Michelle Bollini, MS Student, Environmental Engineering, Michigan Tech
A Kinetic Bioaccumulation Model for a Mining Impacted Aquatic Ecosystem
The Keweenaw area continues to be influenced by the copper mining activities that occurred close to 100 years ago. This project is focused on Torch Lake, an aquatic ecosystem that was heavily impacted from mining waste disposal. The watershed has been impaired by mine discharge and tailings, smelter and smokestack plumes, and poor waste disposal practices. Some of these activities caused contamination with persistent organic pollutants (POPs) such as polychlorinated biphenyl compounds (PCBs). POPs are characterized as undergoing long-range transport, being resistant to metabolic transformations, bioaccumulating and biomagnifying in ecosystems, and having negative impacts on human and ecosystem health. The lake is listed as a Great Lakes Area of Concern as high concentrations of PCBs and mercury result in restrictions on fish consumption and represent a beneficial use impairment. In this research, a kinetic bioaccumulation model was developed using MATLAB to estimate steady state concentrations in each trophic level of the Torch Lake food chain. The model predicted concentrations agree with the steady-state model, AQUAWEB, and with concentrations measured in walleye, a top predator fish in Torch Lake. The model can predict the time required for recovery of the ecosystem following remediation actions such as removal of local sources of PCBs to the lake. The mechanistic model is helpful for predicting a useful schedule for water quality testing and for examining the diversity of ecosystem responses to perturbations and remediation efforts.

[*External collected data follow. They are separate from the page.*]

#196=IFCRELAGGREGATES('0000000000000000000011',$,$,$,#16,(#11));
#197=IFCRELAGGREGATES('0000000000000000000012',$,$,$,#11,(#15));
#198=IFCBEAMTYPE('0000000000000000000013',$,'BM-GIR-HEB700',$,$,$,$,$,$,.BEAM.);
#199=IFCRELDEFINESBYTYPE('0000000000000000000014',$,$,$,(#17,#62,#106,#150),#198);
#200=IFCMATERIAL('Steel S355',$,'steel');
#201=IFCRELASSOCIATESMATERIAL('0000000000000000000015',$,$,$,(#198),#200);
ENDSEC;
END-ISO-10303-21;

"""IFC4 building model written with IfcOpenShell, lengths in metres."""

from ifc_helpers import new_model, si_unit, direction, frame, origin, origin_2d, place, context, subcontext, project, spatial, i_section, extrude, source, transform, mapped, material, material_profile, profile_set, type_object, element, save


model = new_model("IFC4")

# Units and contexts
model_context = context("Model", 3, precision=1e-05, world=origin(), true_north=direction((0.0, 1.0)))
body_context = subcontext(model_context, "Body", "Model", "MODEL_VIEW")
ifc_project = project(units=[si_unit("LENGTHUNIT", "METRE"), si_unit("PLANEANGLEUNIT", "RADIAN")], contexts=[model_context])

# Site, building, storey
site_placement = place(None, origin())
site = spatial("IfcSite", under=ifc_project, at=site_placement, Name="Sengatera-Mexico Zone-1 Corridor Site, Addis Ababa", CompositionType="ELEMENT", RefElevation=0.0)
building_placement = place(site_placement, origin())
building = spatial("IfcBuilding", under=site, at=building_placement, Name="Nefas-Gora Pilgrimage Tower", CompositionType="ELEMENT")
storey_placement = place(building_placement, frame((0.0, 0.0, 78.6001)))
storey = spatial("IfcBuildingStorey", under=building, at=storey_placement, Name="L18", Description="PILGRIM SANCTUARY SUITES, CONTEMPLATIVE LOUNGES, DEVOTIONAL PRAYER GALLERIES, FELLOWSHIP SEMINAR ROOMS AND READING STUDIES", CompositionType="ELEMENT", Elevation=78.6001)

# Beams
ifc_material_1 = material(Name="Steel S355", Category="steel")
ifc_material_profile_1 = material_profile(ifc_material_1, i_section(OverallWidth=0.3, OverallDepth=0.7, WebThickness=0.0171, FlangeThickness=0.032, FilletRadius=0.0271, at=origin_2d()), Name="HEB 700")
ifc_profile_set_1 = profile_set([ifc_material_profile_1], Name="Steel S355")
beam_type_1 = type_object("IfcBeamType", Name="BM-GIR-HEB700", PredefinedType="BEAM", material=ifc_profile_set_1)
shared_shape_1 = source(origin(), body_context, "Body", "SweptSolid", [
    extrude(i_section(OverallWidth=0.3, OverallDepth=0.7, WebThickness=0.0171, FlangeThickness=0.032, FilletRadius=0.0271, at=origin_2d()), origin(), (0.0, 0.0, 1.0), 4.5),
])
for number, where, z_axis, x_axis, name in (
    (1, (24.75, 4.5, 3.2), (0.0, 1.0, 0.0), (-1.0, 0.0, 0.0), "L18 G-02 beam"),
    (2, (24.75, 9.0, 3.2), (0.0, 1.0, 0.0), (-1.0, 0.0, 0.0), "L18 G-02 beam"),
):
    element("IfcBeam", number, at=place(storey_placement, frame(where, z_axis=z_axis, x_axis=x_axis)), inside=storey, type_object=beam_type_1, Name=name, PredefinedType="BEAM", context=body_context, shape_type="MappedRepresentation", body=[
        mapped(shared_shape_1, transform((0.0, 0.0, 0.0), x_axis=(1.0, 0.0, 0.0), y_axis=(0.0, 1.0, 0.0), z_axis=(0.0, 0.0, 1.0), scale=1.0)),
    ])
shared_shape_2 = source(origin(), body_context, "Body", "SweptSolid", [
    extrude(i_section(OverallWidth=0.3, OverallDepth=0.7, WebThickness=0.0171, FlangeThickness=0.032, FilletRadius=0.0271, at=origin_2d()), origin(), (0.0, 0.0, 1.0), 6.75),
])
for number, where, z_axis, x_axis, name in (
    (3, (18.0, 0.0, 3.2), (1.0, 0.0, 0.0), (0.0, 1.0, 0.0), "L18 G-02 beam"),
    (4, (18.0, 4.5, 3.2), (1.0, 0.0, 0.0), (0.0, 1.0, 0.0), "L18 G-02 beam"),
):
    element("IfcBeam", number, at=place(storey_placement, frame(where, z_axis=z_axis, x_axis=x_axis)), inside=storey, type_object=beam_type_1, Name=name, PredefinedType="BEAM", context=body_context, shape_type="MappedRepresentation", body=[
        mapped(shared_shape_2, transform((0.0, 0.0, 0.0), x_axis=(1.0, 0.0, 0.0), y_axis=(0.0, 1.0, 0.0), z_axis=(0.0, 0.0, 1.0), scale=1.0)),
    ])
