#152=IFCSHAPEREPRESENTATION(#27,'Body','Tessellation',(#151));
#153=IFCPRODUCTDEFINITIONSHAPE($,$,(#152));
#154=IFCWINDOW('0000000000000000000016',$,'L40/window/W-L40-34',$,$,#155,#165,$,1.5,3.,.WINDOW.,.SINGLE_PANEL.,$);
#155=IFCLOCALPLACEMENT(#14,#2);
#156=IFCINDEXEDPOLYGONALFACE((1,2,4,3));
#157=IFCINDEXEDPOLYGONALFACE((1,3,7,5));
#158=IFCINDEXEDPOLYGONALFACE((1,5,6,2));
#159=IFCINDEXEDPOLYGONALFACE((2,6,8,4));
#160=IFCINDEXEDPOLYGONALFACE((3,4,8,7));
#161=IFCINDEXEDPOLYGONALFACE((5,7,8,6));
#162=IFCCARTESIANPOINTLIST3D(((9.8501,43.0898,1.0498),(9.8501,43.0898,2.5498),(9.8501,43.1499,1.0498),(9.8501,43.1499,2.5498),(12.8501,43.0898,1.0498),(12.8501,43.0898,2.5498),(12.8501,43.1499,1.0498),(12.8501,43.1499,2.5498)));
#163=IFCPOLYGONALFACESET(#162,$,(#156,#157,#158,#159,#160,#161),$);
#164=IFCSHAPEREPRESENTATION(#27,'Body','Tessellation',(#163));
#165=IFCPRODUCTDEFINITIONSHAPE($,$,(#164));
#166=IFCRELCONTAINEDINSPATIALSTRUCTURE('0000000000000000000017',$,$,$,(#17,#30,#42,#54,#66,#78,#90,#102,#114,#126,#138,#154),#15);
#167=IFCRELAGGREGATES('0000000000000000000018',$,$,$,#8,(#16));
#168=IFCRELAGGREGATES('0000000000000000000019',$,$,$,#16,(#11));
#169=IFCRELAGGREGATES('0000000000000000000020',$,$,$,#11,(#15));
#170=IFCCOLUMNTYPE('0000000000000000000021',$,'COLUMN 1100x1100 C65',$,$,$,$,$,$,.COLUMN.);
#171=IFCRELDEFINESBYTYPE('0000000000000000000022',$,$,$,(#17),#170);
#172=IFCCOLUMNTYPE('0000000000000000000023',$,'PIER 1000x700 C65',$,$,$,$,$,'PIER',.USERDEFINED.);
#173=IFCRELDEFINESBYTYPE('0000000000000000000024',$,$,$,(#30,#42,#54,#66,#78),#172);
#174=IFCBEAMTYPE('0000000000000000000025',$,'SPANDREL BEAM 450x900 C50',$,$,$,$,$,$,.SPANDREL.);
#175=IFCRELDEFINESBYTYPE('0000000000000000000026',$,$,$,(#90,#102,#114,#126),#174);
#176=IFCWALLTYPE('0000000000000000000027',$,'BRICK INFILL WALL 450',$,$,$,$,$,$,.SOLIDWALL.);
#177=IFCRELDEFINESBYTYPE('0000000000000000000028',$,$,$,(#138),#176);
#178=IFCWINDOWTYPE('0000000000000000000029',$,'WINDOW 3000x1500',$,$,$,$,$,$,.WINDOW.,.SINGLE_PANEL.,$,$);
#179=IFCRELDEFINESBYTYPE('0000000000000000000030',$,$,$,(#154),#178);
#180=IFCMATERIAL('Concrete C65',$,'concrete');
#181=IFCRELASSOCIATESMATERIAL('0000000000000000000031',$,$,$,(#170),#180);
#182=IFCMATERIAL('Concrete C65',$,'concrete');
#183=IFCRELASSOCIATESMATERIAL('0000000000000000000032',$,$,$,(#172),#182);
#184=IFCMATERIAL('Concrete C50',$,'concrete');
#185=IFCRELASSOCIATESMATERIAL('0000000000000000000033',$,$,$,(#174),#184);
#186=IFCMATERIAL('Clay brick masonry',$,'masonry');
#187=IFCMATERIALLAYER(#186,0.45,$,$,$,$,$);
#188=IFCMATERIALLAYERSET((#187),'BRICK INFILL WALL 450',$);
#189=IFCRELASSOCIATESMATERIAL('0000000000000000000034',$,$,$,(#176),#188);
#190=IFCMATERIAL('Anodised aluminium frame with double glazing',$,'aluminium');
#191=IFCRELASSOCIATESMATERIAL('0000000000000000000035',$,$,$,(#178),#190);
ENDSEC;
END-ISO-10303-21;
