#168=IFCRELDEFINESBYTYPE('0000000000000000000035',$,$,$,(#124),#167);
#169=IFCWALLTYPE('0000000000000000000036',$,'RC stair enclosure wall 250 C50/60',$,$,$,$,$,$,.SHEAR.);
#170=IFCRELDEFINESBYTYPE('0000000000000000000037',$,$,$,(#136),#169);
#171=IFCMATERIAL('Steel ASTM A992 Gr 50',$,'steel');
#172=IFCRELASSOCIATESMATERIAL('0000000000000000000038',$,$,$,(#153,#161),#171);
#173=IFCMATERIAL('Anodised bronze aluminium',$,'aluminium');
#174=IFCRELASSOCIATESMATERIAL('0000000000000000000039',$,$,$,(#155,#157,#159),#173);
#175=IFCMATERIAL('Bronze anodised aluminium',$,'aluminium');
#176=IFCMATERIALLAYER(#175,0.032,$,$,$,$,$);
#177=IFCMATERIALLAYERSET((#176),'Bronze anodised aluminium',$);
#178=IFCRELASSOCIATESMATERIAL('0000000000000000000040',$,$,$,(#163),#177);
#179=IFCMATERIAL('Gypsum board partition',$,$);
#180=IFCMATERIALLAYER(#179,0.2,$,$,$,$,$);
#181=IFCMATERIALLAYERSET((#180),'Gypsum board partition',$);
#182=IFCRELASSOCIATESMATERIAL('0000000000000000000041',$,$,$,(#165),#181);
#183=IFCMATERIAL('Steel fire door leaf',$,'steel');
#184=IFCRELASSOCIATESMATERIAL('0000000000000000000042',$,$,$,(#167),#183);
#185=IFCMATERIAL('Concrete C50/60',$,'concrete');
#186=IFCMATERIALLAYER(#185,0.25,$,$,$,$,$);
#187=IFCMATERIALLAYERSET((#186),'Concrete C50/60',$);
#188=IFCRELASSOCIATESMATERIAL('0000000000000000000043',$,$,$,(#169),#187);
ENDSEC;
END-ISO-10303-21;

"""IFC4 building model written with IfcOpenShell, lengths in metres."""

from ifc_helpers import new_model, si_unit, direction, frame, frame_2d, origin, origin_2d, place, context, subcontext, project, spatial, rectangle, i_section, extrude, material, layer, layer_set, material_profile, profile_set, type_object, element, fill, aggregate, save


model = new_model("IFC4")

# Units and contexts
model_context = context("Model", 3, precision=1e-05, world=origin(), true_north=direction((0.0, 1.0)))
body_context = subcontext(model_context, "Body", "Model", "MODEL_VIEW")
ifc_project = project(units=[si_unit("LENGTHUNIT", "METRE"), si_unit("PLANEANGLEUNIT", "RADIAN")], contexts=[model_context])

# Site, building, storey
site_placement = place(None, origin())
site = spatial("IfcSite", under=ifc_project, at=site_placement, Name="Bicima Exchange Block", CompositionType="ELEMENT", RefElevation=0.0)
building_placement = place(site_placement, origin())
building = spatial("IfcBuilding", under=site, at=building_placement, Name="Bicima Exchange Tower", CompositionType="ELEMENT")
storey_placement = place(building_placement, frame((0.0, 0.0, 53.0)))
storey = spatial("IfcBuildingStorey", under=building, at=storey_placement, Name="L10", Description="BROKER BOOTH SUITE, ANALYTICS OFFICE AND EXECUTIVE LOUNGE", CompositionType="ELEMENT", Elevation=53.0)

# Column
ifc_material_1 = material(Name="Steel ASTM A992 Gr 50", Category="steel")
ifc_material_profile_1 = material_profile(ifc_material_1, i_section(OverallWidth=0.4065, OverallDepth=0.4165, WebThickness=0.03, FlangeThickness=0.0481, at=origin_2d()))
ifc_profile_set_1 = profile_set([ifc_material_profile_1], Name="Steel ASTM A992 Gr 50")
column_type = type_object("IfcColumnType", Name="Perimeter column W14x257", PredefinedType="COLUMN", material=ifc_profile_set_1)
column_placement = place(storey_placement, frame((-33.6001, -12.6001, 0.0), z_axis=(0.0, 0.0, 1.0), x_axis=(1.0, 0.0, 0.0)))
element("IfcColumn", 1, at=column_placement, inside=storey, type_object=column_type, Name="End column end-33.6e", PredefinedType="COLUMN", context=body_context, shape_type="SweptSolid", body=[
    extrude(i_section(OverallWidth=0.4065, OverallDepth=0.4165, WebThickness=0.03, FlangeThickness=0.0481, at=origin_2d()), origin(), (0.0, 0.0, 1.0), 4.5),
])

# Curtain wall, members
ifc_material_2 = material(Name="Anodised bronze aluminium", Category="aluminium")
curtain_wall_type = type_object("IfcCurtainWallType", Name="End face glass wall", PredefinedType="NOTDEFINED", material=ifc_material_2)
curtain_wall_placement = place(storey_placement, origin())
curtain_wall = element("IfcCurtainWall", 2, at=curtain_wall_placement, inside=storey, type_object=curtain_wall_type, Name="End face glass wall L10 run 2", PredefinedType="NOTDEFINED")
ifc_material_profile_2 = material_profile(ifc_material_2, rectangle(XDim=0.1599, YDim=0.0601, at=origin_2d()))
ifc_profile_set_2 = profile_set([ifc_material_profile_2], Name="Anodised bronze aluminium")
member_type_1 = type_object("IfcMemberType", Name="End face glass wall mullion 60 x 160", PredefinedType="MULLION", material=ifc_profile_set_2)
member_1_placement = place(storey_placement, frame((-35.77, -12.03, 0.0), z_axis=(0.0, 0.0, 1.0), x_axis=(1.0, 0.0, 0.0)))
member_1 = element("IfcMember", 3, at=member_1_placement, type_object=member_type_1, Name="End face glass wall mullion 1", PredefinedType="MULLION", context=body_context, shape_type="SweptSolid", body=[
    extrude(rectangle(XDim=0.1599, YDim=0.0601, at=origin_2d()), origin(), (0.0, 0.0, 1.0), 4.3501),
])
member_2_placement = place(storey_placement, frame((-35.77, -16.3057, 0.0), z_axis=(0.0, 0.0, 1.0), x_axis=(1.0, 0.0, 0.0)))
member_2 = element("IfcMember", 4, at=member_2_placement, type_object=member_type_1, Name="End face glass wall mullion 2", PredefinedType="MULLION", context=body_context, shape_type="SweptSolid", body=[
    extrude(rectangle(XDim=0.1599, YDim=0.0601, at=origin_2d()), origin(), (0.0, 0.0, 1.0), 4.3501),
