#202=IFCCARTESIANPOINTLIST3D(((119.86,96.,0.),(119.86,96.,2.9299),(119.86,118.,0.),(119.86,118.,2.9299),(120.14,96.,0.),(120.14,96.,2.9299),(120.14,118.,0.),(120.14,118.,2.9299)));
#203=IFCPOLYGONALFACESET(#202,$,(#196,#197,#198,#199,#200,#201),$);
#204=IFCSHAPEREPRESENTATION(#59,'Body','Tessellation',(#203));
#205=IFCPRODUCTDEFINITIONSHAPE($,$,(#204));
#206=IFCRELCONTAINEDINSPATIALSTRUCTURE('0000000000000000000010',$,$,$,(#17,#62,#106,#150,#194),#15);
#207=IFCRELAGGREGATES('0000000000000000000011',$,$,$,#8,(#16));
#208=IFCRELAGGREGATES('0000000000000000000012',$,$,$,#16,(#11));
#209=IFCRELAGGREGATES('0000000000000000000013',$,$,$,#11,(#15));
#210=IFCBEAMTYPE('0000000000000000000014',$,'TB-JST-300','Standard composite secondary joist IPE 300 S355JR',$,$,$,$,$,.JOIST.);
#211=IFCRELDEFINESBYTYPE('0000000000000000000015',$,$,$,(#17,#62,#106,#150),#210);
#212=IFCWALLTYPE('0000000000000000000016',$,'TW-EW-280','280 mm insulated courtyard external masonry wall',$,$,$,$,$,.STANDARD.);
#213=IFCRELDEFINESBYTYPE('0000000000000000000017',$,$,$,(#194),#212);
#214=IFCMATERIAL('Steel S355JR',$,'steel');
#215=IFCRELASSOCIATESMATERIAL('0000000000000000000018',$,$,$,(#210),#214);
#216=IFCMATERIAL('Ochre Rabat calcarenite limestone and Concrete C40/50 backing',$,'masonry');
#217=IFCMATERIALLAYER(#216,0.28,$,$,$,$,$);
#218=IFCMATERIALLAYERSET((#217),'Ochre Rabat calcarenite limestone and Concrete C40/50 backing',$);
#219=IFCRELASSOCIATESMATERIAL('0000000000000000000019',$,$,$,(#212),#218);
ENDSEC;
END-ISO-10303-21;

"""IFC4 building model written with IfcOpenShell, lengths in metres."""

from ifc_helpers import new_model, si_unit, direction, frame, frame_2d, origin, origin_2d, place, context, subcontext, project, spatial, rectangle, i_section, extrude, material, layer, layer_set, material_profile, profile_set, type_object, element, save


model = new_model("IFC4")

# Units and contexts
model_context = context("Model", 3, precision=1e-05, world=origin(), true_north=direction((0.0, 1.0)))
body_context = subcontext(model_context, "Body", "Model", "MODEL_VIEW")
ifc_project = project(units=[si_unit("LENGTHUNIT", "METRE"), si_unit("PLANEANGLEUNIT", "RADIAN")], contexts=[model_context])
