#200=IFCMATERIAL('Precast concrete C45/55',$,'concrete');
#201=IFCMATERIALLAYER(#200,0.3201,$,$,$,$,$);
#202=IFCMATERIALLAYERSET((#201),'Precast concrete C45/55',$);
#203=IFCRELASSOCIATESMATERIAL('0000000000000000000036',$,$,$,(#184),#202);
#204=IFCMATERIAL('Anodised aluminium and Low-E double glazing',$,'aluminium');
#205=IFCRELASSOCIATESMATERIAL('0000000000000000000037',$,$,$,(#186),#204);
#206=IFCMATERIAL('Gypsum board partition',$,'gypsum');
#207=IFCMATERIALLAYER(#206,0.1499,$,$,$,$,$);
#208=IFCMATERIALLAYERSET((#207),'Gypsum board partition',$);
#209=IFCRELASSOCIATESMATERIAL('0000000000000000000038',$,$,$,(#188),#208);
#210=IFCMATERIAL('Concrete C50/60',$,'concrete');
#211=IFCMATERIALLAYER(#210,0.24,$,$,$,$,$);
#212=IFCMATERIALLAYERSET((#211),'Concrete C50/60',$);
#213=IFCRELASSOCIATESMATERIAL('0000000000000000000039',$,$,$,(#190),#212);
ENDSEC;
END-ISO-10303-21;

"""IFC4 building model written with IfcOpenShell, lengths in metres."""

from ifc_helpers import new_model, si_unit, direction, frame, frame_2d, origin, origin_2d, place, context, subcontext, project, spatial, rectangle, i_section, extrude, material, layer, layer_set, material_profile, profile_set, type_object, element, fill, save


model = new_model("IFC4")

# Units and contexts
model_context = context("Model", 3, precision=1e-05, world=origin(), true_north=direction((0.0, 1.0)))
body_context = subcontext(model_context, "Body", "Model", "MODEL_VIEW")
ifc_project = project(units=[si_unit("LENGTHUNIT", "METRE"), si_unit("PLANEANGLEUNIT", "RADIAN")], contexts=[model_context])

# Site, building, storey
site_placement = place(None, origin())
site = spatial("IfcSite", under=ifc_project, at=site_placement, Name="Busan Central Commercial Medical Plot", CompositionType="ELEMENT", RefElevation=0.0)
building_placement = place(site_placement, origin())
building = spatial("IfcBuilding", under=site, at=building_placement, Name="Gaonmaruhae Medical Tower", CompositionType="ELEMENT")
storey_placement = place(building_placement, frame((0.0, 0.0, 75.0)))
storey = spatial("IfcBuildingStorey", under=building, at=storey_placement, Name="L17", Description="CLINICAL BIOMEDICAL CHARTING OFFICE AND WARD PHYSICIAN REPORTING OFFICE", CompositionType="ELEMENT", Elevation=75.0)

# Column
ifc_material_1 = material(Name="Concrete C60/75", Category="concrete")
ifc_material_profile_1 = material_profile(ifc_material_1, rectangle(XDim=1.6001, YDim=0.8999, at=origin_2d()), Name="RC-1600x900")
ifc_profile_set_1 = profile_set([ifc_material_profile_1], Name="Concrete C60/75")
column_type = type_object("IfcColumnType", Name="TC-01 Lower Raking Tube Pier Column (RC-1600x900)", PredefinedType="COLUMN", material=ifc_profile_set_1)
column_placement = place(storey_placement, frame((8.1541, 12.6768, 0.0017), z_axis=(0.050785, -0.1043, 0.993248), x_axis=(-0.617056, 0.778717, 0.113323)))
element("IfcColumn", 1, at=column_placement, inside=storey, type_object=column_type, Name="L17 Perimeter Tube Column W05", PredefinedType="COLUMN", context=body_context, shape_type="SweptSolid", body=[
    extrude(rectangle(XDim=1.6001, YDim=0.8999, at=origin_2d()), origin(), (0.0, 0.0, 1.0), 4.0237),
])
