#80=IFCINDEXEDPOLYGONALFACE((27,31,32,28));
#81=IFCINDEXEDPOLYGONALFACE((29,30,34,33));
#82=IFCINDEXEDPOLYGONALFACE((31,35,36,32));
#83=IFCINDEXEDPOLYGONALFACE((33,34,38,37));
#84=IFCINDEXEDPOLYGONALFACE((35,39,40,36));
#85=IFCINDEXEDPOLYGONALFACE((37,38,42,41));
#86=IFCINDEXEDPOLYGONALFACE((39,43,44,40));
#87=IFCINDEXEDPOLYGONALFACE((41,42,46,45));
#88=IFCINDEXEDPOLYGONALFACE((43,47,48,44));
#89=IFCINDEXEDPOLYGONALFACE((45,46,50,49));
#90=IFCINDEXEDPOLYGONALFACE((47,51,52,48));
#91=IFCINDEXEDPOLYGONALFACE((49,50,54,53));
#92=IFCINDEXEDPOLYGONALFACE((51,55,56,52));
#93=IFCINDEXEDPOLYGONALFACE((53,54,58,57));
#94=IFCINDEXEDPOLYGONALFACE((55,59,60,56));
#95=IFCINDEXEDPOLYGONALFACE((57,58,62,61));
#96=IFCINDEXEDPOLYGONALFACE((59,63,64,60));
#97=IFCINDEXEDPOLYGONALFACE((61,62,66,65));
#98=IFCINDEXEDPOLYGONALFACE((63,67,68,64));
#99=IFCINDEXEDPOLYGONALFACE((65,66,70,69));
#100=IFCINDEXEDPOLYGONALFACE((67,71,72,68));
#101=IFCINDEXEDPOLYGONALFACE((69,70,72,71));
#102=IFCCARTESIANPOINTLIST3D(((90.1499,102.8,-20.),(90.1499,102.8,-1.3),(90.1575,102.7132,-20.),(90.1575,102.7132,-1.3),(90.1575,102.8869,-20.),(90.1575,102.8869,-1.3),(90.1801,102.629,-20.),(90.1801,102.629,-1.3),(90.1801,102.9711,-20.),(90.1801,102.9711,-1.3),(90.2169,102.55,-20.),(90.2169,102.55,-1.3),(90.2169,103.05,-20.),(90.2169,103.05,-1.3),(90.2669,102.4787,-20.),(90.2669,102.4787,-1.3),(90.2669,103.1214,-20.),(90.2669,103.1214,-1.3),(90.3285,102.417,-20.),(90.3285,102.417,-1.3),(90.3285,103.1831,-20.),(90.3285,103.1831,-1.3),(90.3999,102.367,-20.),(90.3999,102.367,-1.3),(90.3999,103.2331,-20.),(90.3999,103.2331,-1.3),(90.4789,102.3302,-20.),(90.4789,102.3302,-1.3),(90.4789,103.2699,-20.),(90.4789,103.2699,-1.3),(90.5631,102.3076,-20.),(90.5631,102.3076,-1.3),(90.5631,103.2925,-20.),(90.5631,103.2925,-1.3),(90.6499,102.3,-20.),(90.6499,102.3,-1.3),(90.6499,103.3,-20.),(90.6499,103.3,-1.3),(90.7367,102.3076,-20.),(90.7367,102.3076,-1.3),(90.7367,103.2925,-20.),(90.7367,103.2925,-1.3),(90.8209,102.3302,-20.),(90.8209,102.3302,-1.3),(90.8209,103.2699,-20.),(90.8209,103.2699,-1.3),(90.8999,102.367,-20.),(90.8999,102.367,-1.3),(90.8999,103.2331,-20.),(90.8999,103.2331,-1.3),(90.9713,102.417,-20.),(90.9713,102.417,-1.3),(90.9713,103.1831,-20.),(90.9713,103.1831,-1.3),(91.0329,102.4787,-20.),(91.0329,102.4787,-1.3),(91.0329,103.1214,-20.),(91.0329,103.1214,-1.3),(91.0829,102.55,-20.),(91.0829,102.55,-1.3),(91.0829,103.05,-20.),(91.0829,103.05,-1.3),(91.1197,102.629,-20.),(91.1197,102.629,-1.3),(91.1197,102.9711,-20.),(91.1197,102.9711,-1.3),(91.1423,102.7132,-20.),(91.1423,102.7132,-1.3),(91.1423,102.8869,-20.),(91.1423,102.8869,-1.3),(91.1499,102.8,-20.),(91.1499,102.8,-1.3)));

Michelle Bollini is pursuing an environmental engineering master’s degree after completing her undergraduate degree at Michigan Technological University. She became a team member of the Tribal Landscape System (TLS) project during her summer research at Michigan Tech. That opportunity sparked her interest in minimizing contaminant risk and protecting human-environment relationships in local communities. She’s also a member of the cross country/ track team and in her free time enjoys exploring the outdoors.